7. Open Challenges and Research Directions
Persistent challenges and future opportunities identified across the literature include:
- Perceptual–Reasoning Integration: Bottlenecks in perceptual skill (e.g., counting, depth reconstruction) severely limit downstream abstract reasoning (Khezresmaeilzadeh et al., 5 Feb 2026); research is shifting toward joint training and explicit representation fusion.
- Unified, Multi-Paradigm Systems: Hybrid architectures combining graph-based, symbolic, temporal, and causal modules are advocated for robust zero-shot and few-shot reasoning (Sarkar et al., 14 Aug 2025).
- Comprehensive Benchmarks and Adaptive Evaluation: There remains a need for datasets that integrate functional correctness, structural consistency, and causal validity in a cohesive testbed, avoiding shortcut-prone or single-mode evaluations (Sarkar et al., 14 Aug 2025).
- Weak and Self-Supervision: Most reasoning models depend on densely annotated datasets or programmatic supervision; advances in weakly supervised representation learning are essential for scalable, real-world generalization.

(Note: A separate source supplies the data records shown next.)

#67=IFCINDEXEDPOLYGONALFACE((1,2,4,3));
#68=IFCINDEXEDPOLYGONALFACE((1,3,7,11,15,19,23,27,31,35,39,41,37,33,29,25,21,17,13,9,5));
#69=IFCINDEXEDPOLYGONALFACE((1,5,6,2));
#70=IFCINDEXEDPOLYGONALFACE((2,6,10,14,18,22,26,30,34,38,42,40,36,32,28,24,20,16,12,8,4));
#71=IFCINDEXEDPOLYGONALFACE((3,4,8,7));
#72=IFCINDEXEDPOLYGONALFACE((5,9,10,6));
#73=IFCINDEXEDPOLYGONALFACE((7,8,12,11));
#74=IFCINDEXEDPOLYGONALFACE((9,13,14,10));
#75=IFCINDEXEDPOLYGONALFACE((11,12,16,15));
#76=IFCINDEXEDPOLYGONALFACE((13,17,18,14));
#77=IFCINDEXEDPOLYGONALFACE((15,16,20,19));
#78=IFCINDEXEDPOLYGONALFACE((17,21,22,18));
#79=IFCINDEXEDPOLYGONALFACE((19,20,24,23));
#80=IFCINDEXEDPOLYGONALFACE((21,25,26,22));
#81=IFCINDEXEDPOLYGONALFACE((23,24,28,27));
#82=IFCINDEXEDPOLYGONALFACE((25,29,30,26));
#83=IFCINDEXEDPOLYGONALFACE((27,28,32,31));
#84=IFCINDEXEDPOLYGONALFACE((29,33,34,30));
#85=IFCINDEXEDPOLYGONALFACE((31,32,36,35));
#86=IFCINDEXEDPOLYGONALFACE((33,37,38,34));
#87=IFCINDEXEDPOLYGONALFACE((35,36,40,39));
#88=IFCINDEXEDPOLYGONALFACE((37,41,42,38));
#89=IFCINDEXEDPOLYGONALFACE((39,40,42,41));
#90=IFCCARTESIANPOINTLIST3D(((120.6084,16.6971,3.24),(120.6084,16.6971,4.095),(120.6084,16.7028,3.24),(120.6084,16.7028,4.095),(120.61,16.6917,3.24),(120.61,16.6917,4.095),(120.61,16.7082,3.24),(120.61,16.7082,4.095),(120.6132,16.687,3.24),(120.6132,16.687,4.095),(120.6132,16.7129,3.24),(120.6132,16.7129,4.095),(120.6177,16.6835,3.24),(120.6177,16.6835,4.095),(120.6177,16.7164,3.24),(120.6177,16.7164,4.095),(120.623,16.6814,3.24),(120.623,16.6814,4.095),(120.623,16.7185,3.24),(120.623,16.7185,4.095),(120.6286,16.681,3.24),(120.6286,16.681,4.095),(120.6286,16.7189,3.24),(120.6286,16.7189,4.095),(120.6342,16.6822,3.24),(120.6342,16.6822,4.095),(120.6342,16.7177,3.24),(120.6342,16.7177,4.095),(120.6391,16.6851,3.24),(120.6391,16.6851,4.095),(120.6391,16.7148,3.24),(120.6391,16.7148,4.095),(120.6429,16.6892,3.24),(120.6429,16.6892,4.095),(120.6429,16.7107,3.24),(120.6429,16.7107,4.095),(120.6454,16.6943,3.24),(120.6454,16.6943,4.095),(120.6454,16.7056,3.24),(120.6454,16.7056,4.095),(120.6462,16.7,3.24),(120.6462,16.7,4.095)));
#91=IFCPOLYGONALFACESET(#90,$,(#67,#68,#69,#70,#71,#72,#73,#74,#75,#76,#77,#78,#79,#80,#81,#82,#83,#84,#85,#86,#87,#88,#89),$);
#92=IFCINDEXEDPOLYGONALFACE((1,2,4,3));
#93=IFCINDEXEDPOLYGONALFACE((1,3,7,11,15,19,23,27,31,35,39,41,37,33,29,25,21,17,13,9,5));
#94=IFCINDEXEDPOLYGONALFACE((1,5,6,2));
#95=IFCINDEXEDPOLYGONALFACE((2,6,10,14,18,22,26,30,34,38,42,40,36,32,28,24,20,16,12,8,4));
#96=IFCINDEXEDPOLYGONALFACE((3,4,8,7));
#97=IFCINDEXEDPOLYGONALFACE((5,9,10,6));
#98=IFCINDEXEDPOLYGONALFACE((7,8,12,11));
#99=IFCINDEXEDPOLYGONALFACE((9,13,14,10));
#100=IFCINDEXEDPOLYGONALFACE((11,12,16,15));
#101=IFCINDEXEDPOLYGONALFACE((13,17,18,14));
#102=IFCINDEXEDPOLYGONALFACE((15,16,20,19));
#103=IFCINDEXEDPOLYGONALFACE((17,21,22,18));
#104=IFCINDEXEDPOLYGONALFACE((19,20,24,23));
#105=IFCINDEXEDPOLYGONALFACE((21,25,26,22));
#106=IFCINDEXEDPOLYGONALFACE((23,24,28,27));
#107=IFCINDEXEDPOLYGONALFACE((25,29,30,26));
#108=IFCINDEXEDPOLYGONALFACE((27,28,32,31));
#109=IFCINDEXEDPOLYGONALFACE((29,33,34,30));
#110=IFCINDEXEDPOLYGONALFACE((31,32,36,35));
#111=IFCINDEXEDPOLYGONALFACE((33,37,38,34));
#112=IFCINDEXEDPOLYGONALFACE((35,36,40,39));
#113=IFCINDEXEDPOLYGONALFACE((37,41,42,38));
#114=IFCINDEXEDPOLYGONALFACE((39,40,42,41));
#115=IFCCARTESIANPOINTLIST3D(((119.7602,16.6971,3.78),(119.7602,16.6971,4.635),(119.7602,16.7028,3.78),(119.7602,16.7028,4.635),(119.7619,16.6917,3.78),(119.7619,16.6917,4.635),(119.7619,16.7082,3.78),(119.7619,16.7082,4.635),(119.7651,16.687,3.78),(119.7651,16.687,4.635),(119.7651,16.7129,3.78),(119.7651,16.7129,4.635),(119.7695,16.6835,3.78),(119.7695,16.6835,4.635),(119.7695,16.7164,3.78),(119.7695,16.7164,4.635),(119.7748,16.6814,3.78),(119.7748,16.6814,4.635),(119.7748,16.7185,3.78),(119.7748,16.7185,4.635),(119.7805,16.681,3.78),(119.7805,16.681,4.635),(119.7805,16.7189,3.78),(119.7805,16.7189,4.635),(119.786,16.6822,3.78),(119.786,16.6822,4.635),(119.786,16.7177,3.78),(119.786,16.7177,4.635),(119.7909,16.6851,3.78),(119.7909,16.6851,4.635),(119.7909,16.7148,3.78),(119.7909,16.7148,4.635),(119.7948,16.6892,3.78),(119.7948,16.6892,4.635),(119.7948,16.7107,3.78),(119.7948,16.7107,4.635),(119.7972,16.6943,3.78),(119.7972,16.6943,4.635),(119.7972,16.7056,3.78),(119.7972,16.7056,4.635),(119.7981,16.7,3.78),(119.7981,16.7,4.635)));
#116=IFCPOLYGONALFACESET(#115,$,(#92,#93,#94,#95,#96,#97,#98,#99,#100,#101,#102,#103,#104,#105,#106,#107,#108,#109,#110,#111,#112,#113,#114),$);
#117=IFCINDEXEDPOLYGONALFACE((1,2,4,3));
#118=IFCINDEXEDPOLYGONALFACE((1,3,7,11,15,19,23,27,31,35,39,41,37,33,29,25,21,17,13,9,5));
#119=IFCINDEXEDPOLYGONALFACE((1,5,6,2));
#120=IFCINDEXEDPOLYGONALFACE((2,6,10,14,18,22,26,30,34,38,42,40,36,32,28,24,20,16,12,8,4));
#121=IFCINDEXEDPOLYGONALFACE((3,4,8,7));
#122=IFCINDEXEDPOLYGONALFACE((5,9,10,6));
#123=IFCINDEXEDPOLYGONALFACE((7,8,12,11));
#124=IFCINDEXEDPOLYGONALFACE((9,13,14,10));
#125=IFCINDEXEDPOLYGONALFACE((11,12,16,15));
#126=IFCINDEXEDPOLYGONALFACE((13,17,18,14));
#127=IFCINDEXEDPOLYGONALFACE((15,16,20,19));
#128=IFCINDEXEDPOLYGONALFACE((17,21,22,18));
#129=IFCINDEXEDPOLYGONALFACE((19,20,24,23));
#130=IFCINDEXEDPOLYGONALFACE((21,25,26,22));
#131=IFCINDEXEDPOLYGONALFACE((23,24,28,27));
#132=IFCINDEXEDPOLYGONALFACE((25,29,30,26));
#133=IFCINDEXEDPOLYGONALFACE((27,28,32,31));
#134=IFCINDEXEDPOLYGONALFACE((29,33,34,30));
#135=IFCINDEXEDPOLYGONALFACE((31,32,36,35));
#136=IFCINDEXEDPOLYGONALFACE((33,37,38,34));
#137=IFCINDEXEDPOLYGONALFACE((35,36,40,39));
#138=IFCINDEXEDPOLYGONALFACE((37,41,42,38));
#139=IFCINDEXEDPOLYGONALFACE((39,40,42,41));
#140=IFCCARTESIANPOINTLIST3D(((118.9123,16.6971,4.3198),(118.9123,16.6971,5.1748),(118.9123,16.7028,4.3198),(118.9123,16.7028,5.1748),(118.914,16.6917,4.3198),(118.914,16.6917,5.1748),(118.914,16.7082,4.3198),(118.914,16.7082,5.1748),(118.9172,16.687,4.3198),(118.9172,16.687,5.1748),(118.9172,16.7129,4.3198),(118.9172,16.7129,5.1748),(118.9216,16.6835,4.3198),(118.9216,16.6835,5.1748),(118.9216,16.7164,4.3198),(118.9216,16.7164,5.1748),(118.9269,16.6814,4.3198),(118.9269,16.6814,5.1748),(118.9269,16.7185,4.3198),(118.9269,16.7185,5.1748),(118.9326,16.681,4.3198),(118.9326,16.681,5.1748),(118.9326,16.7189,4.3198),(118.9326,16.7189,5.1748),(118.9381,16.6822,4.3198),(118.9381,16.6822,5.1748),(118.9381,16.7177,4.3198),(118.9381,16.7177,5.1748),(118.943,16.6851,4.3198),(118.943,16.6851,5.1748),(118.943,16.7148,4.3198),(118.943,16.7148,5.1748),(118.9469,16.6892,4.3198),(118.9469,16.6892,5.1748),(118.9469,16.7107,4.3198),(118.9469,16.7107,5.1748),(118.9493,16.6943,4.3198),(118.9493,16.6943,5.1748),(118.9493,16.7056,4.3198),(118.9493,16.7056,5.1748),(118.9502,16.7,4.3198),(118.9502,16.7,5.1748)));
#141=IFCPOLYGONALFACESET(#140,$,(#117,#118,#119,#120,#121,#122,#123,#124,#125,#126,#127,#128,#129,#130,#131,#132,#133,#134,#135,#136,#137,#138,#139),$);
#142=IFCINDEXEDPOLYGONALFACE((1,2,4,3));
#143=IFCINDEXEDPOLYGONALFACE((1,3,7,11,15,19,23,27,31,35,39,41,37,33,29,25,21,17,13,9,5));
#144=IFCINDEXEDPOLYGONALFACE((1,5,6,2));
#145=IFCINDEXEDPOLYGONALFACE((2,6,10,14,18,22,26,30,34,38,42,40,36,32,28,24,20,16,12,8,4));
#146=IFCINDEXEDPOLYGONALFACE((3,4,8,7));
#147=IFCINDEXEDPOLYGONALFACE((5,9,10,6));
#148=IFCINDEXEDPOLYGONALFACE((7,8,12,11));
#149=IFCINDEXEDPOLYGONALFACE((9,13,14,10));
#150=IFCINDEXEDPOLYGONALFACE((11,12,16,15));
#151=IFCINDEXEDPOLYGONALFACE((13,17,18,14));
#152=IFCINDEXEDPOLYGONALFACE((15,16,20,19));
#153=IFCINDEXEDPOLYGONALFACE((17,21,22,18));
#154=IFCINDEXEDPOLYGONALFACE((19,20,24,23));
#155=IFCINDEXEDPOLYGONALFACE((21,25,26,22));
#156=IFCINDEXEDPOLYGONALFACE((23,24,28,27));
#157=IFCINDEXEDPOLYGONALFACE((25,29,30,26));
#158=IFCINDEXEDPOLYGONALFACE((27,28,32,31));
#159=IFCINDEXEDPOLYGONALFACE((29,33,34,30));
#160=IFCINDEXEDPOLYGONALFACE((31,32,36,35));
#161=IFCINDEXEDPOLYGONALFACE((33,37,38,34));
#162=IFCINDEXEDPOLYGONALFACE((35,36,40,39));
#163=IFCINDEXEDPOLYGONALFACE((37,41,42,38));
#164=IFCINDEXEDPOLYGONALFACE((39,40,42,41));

- Explainability and Trust: Embedding interpretable reasoning traces, diagnostic error decomposition, and uncertainty quantification is needed, particularly for safety–critical and high-stakes applications (Sarkar et al., 14 Aug 2025).
This synthesis of visual reasoning types reveals an actively evolving field, with ongoing integrative efforts required to move from specialized, isolated capabilities to general, transparent, and human-aligned visual intelligence.